Does exactly what it says on the tin – a singleton’s supper cooked in a single pan. This comes from a supermarket freebie mag, a cheap source of food inspiration for blokes – I’ve just cut the fat from the original recipe.
Kit you'll need
1 extra lean pork chop
2 tbsp water
½ onion, peeled and sliced into rings
1 large potato, peeled and cut into 1 cm dice
1 eating apple, cored and diced
100g shredded cabbage
pepper to taste
Saucepan with a lid
Spoon
Step by step instructions
- Place the chop in the saucepan with 1 tablespoon of water and cook over a medium heat for 2-3 min on each side until it loses its pink colour and the water has evaporated
- Add the onion and potato plus another tablespoon of water to the pan and continue to cook for another 3-4 mins.

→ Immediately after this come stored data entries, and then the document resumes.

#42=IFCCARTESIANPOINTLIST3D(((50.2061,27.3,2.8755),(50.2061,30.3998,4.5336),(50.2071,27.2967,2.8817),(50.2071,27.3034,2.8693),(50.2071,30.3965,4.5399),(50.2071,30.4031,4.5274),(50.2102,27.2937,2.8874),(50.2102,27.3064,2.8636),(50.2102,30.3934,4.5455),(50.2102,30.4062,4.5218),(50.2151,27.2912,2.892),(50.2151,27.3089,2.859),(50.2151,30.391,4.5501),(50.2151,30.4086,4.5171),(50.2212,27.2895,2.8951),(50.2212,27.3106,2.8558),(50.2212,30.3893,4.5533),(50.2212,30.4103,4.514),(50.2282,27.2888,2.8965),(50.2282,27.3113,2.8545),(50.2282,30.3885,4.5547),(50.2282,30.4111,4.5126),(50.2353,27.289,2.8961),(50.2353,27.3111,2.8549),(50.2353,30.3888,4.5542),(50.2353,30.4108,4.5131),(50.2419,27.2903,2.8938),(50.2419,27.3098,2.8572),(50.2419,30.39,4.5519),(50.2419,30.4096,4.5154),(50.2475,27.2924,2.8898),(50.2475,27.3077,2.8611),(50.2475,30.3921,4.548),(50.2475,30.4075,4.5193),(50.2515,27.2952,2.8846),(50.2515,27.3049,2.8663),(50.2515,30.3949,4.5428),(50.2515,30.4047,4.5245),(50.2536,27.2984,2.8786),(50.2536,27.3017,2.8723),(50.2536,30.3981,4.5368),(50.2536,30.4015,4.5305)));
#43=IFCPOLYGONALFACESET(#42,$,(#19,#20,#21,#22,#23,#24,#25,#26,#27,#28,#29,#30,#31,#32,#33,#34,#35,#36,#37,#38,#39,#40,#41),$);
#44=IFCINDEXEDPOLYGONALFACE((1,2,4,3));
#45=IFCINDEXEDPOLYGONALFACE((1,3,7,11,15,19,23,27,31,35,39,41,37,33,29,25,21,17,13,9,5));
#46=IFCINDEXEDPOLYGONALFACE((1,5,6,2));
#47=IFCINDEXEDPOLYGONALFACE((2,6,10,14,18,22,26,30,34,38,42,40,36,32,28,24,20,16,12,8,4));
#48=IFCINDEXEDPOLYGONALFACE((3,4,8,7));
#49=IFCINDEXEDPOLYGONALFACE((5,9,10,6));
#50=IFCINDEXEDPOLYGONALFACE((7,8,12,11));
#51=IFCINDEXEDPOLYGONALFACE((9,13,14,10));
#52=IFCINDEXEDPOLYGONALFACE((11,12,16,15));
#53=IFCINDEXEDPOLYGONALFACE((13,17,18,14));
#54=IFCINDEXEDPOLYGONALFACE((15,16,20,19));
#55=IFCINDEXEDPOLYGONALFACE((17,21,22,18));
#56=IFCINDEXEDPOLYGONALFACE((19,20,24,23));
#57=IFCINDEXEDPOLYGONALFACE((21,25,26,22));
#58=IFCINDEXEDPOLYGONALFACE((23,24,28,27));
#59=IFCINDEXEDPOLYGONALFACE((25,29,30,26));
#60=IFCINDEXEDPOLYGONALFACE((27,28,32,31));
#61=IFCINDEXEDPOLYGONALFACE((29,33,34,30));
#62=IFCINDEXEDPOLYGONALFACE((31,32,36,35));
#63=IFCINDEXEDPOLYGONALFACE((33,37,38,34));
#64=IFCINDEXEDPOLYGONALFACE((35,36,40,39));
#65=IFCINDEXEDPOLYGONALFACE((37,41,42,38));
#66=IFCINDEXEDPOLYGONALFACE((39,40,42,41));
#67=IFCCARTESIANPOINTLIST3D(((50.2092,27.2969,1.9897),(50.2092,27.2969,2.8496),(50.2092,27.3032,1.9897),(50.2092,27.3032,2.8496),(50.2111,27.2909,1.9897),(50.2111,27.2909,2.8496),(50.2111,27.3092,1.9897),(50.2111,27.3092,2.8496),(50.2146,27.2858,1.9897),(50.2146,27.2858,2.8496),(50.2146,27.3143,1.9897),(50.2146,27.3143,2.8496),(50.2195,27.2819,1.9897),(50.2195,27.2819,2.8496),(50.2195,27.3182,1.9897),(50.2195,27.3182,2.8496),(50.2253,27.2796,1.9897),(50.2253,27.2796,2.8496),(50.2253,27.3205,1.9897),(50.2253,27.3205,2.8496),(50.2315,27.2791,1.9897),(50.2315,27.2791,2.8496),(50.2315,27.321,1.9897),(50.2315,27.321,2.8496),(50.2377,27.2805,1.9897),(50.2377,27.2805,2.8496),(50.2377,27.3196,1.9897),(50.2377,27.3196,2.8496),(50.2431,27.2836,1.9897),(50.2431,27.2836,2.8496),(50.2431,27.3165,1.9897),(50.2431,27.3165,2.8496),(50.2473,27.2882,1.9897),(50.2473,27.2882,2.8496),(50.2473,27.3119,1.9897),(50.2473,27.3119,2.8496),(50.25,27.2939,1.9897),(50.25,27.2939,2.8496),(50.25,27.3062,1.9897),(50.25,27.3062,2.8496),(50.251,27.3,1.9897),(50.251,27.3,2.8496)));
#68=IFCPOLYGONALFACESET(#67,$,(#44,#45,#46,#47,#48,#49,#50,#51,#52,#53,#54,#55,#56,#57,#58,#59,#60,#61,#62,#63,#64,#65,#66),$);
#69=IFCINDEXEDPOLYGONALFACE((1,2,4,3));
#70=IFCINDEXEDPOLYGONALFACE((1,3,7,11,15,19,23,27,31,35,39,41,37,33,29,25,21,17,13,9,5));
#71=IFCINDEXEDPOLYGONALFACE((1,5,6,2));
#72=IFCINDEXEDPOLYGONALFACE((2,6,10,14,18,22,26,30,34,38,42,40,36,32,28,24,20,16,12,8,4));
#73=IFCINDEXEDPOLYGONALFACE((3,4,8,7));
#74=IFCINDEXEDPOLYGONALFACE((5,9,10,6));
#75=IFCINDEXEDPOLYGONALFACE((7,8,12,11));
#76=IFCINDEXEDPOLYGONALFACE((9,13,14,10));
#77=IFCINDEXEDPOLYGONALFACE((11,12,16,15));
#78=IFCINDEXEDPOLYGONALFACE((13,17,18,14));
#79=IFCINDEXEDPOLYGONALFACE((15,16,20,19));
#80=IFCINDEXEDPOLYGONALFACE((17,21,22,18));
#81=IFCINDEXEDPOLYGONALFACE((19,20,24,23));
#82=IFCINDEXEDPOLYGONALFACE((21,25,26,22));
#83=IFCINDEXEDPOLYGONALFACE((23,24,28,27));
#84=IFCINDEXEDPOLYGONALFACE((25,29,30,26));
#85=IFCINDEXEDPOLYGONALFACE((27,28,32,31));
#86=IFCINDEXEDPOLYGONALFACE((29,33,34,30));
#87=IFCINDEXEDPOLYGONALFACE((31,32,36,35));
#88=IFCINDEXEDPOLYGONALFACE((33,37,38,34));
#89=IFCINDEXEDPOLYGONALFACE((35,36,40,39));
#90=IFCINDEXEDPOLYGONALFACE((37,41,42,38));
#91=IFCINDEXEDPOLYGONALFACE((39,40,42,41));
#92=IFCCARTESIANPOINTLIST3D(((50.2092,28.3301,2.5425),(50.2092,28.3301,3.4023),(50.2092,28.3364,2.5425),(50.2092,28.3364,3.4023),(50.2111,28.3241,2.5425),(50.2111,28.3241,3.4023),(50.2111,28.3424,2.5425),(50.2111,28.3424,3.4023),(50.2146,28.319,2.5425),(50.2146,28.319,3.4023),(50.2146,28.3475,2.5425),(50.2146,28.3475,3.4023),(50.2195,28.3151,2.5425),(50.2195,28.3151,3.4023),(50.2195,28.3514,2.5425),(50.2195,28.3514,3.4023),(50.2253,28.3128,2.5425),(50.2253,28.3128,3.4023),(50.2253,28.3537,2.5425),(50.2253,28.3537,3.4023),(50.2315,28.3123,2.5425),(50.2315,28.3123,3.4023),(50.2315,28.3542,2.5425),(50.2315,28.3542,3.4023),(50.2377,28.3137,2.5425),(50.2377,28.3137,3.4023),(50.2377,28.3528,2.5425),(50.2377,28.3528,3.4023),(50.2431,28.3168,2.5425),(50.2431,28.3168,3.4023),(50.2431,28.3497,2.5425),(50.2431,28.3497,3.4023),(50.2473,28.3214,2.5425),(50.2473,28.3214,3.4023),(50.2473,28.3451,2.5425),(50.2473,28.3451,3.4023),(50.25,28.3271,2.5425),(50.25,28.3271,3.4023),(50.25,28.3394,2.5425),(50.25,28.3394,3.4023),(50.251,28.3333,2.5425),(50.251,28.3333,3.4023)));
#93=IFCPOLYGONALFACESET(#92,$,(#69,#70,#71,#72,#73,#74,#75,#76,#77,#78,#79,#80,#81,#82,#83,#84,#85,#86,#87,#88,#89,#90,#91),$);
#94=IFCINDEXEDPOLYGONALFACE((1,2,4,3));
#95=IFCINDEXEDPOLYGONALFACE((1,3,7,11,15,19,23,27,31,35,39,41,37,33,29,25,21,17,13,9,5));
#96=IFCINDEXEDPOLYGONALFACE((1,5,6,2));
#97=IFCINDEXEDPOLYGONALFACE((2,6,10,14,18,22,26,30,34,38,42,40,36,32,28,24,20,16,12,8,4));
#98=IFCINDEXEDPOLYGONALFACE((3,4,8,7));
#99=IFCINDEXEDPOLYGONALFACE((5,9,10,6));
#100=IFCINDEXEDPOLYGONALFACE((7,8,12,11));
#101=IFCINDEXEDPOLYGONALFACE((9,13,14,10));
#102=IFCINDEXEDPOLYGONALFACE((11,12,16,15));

- Add the apple to the pan, cover and cook over a low heat for 15 mins, stirring occasionally.
- Add the cabbage, cover and cook for a further 5 mins.
Points for style
Add a bit of mustard if you like it – goes well with brassicsas. Use lean pork or lamb escalopes if you see them - the advantage of these is no bone.
You can do the same with lamb too - use dried apricots in place of the apple and spinach in place of cabbage.

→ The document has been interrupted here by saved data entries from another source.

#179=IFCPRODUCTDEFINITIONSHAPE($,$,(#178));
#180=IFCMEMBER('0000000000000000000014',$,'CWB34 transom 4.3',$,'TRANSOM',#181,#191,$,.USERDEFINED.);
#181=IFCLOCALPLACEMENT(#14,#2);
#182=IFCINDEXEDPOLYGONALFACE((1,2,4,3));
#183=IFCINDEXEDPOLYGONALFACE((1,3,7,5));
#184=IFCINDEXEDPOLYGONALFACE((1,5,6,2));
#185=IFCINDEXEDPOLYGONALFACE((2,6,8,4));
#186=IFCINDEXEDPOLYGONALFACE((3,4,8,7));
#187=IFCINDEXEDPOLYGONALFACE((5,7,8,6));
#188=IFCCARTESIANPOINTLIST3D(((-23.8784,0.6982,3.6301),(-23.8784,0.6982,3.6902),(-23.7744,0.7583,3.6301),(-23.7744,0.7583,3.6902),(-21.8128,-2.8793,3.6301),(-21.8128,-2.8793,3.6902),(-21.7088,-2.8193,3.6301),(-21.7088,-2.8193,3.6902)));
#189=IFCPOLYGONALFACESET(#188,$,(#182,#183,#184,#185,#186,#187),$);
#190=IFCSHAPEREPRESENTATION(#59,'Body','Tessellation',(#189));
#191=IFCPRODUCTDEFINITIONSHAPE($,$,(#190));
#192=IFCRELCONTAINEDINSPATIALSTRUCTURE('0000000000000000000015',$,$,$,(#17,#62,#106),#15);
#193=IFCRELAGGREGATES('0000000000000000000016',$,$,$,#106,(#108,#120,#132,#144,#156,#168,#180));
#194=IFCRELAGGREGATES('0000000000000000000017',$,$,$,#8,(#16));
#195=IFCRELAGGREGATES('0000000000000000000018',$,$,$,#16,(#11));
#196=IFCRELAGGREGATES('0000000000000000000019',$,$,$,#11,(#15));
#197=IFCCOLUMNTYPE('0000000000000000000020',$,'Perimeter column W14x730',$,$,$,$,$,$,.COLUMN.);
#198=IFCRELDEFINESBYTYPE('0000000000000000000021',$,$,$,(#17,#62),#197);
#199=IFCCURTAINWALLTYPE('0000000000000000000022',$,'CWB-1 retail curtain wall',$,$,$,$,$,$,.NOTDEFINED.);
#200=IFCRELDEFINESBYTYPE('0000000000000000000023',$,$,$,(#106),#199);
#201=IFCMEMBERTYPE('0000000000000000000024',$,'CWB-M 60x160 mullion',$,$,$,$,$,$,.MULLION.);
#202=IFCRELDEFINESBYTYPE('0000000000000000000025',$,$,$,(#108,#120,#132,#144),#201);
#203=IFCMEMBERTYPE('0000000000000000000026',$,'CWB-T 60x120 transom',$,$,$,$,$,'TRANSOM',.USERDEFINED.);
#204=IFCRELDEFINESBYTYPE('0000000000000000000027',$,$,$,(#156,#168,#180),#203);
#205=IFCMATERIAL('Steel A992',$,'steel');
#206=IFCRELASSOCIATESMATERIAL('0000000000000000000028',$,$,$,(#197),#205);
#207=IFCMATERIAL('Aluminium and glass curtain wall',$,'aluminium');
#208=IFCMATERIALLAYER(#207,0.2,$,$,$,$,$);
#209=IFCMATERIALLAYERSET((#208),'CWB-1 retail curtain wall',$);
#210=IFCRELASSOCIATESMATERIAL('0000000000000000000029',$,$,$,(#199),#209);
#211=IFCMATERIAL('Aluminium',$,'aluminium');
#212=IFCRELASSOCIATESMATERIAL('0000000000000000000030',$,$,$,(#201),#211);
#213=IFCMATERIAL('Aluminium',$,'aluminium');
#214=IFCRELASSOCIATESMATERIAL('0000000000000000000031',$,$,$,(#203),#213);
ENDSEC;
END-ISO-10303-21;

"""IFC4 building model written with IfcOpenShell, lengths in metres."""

Fish without crumbs – not as fast as fingers – but you can save valuable time by cooking extra spuds at suppertime the day before and starting at step 3. Plenty of protein in the fish, just add some green veg for a complete low fat meal.
Kit you'll need
400g potatoes
185g tuna chunks in brine, drained
115g frozen sweetcorn
½ small onion, chopped
40g fresh breadcrumbs
Potato peeler
Fork
Saucepan
Spoon
Plate
Oven tray
Step by step instructions
- Set oven to Gas 6, 200 deg C
- Peel the potatoes, cut into chunks and cook in pan of boiling water for 15 mins
- Mash the potatoes with a fork and stir in the tuna, sweetcorn and onion
- Using dampened hands and a spoon, shape the mix into 4 round patties
- Place the breadcrumbs on a plate. Press each the fishcakes into them to coat
- Place the coated fishcakes on the baking sheet and bake for 20 mins until browned
Points for style
The fastest way to make breadcrumbs is to simply whizz a slice of bread in a blender for a few seconds. You can also try this using crushed Ryvita or cornflakes in place of the breadcrumbs
Take this dish up a notch by using smoked mackerel or tinned salmon in place of tuna and adding some chopped fresh parsley to the mix.